Well, if you’re still with me and interested in seeing where I’m going with this as far as health records, access to health information is presumably of critical importance to patients. It seems to be of great use to doctors to have access to medical history from previous visits or other doctors (although sometimes I think it would be interesting to be able to get a “blind” opinion without access to *any* records…not sure that’s even an option), and part of the promise of some of these online medical initiatives is that it can be potentially very valuable to have that information readily available for things like sharing and collaborating around x-rays, or with emerging fields such as telemedicine.

So, what sort of rights do I then have to that vault of information created about me? What if a company wants to start charging me a lot of money for continued access to it, or changes that privacy policy to something that I don’t like, or shares it with people where I don’t approve, or won’t share it with people where I insist? What happens when there is an outage and my doctor(s) can’t access my information in a timely fashion?

Then, let’s suppose that sometime down the line (not sure how long, but it seems to be happening), a company develops a mechanism to monitor an individual’s vital signs and administer drugs automatically and accordingly. Who has control over that? Will it be more like ADT or like OnStar, where they either just monitor things remotely or start to exercise certain levels of remote control, such as changing doses? Will there be a kill switch? Will there be a black box in case anything goes wrong? These issues are directly and highly related to the problem of control and access to health information, because they reflect the growing trend of a SaaS world where data lives in the cloud, and individuals have no significant leverage once a certain level of monopoly or oligopoly becomes established.

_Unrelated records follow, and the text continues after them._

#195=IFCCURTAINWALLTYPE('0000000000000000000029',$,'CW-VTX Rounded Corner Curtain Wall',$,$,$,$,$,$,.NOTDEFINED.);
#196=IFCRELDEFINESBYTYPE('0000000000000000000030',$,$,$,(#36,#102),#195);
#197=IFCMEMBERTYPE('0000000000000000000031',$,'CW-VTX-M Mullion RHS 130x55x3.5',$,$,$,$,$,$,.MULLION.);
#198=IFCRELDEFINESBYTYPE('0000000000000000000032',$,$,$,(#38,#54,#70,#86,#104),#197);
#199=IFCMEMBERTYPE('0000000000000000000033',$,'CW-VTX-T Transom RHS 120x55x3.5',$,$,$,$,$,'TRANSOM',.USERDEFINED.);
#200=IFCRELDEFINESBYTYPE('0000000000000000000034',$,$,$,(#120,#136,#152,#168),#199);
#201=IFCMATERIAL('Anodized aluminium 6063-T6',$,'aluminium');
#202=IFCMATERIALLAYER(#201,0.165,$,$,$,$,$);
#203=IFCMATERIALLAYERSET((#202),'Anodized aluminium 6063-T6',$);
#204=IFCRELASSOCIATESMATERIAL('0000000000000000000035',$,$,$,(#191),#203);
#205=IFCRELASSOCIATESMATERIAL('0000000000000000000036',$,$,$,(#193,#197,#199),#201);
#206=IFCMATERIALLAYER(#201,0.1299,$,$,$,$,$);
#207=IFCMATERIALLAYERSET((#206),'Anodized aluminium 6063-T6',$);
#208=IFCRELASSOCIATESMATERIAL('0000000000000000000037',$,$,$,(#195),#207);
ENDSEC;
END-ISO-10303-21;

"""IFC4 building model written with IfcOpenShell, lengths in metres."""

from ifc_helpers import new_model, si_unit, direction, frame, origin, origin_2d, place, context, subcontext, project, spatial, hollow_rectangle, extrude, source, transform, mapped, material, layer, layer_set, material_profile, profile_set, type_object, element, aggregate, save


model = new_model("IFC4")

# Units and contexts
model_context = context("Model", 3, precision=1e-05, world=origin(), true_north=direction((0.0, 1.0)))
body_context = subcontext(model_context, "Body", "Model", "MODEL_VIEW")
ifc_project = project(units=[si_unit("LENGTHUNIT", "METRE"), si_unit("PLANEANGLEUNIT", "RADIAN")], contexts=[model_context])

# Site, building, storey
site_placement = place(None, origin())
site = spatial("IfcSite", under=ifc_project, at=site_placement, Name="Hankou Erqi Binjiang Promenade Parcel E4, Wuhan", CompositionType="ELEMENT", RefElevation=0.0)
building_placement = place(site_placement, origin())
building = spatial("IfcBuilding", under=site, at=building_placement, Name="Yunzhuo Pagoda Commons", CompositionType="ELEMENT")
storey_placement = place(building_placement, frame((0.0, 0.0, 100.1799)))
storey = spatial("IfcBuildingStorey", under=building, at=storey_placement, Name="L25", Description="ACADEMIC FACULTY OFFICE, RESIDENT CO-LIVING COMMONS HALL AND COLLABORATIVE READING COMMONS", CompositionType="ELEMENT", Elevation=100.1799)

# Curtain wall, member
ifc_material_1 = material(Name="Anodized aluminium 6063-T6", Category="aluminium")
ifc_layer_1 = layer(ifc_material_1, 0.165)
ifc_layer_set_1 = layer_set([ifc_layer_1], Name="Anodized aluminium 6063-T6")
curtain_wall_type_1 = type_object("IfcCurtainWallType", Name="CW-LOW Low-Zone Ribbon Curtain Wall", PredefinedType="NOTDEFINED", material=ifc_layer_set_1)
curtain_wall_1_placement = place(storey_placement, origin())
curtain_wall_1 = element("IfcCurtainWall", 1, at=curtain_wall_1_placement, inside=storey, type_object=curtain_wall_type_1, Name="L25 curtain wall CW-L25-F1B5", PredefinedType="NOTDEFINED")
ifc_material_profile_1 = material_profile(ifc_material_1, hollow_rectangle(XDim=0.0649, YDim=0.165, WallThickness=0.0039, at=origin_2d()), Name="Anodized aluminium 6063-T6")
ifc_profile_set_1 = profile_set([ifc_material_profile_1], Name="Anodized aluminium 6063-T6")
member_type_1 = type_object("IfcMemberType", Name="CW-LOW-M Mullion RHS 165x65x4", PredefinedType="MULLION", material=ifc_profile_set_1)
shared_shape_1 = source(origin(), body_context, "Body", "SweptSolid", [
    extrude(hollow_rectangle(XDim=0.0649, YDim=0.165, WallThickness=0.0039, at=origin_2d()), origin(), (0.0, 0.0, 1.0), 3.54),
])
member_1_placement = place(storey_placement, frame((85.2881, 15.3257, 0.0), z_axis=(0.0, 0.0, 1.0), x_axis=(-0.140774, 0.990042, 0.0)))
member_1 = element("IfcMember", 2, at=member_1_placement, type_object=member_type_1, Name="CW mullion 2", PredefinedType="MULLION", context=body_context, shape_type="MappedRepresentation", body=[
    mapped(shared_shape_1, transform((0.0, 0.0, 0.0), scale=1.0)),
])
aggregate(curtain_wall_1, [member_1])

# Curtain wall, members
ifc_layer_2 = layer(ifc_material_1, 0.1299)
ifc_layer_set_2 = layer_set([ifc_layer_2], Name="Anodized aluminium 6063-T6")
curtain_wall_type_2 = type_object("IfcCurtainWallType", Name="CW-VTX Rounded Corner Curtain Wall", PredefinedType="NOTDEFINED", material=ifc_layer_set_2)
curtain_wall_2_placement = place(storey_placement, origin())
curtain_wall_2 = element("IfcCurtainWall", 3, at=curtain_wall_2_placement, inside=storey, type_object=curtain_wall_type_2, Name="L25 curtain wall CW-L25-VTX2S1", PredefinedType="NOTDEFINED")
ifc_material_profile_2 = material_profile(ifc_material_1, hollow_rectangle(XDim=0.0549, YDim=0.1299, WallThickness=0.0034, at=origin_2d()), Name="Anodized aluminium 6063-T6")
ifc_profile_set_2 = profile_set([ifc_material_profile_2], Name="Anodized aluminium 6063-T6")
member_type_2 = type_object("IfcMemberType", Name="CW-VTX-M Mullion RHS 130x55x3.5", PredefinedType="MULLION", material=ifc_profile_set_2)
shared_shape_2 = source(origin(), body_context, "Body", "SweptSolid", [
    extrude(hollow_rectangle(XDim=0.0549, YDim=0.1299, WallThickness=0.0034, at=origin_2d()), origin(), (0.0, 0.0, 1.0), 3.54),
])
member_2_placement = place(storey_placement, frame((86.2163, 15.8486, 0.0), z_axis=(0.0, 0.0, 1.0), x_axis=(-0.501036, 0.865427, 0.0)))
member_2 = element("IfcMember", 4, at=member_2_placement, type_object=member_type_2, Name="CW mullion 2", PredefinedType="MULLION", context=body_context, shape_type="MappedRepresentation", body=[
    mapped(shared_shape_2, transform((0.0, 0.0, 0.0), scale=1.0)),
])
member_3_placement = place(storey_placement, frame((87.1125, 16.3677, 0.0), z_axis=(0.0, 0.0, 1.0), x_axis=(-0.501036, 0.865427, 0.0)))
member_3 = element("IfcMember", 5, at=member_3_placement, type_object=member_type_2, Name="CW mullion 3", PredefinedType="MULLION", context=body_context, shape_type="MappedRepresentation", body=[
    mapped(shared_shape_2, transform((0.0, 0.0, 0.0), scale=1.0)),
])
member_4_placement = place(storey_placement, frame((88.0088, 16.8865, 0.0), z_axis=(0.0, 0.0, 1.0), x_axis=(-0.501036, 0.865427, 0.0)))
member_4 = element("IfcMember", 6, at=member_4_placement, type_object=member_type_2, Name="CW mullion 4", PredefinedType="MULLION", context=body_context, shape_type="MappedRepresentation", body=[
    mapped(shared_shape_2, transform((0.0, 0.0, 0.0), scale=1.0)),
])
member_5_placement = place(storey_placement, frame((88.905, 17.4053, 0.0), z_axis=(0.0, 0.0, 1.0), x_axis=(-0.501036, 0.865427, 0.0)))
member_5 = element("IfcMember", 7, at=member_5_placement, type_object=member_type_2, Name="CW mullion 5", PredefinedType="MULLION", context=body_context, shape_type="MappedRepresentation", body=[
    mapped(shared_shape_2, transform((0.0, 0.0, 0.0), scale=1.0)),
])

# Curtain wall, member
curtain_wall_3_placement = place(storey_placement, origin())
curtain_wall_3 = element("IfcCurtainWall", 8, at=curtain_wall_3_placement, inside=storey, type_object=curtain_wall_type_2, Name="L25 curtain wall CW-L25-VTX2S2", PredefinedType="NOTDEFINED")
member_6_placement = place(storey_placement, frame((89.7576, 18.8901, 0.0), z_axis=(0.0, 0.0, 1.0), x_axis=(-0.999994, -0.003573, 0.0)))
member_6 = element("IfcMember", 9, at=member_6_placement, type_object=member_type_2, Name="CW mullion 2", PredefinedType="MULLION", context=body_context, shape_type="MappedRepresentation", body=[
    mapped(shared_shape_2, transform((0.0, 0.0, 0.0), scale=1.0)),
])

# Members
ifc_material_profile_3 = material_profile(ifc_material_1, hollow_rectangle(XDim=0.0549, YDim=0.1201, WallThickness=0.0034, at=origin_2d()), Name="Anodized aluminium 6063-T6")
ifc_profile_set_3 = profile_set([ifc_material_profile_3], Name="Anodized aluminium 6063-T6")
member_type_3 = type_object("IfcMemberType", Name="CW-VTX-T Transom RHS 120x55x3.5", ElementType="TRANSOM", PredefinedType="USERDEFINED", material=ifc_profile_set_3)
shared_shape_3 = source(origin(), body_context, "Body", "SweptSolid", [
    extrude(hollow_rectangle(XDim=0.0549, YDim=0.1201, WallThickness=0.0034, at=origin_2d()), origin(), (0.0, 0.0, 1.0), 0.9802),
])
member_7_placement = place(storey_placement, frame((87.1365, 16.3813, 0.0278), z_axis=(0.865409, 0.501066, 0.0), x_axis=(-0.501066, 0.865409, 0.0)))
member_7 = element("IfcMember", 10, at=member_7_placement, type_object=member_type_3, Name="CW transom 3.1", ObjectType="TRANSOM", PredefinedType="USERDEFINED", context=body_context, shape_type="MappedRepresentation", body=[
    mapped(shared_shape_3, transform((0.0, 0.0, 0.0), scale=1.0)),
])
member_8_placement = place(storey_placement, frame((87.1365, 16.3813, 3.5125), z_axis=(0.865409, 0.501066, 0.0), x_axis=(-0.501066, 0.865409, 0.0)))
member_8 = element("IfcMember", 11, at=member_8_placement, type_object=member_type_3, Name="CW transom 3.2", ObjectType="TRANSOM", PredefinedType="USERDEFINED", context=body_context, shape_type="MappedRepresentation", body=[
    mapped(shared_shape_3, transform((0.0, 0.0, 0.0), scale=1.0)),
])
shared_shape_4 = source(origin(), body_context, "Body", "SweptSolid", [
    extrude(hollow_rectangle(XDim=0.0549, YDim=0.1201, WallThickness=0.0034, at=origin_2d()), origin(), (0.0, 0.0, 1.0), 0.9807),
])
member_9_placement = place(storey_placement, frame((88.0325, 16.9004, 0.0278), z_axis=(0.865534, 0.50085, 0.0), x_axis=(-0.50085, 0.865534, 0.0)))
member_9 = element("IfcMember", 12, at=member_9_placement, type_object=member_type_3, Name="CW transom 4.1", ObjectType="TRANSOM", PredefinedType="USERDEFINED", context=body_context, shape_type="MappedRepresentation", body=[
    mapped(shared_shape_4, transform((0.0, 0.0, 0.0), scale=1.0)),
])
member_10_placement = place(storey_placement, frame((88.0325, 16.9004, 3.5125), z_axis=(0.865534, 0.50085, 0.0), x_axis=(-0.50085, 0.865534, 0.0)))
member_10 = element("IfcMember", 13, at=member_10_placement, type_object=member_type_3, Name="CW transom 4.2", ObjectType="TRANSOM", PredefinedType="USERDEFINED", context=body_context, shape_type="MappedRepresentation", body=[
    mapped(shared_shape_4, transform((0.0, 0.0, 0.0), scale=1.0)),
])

What good is choice, if there are only lies to choose from?

In order to avoid a situation where people and individuals have no practical choice in these matters, we need to establish a place in “the cloud” where the individual starts by having total control, where they can then require other individuals and external entitites come to them where the default will be privacy, if not secrecy, if not security;. At least then there will be an understood and practical alternative and reference point for what private and personal even means, where people can actually decide if they want to surrender or share a certain level of control with some external entity.

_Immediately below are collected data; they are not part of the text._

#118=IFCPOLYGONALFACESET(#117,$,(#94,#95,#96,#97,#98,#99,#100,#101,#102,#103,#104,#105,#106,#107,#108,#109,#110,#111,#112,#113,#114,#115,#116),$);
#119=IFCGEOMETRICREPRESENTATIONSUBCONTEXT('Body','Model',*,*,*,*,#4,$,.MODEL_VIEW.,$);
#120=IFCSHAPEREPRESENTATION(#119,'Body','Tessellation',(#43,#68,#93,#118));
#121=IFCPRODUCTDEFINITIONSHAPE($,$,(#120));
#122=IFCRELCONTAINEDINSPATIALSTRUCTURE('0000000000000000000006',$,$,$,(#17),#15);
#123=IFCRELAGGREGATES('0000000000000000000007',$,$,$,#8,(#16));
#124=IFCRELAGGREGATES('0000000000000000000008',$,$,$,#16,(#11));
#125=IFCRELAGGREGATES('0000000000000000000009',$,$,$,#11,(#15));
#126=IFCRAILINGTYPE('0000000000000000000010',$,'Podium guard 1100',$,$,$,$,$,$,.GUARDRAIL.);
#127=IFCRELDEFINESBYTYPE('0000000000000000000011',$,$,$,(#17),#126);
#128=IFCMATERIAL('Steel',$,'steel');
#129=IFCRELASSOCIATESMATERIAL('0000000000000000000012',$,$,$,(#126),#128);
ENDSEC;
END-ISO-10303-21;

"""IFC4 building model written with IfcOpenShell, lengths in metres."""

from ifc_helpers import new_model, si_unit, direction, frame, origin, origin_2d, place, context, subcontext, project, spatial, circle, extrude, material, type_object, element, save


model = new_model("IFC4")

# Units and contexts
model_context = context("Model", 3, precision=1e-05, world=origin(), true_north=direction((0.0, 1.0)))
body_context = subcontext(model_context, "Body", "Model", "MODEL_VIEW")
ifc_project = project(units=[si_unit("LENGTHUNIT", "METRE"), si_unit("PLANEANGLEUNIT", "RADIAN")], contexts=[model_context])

From an architectural and technological standpoint, we can relatively easily provide a private and secure place for the individual to store their own medical records. Then, if they want to give access to their doctor, they can do so. If the doctor requests permission to be able to reference their case in the future, they might provide that, providing that the doctor agrees not to share that with others. If that information somehow gets out, they will know that it was that particular doctor, and word will travel pretty quickly that the doctor didn’t honor the doctor/patient relationship.

Off the top of my head, I can’t think of a single organism that has succeeded/survived/thrived where the individual in the end didn’t have final say and control. Does anything remotely resembling the borg actually exist anywhere in nature? I don’t actually know, it’s a non-rhetorical question.

If not, then why are we heading further and further down the road where individuals, as a part of larger organizations, no longer have any real decision-making power? Have you ever talked to a cell phone company representative? You might as well be talking to the company’s computer system, where the representative can only really follow policies that have been set somewhere centrally by some sort of bean counter. I have thankfully not had to deal with a case of an insurance company overriding the judgment of a doctor, but I imagine it is quite the same.

We should start moving in the opposite direction, where people are in control of their own context, in their own community, without anything “above” them in authority that can sweep down from the sky/net and literally take their life at any time. Do we know that these behaviors have definitely made the world a better place? That question, on the other hand, is rhetorical. First, let us all do no harm.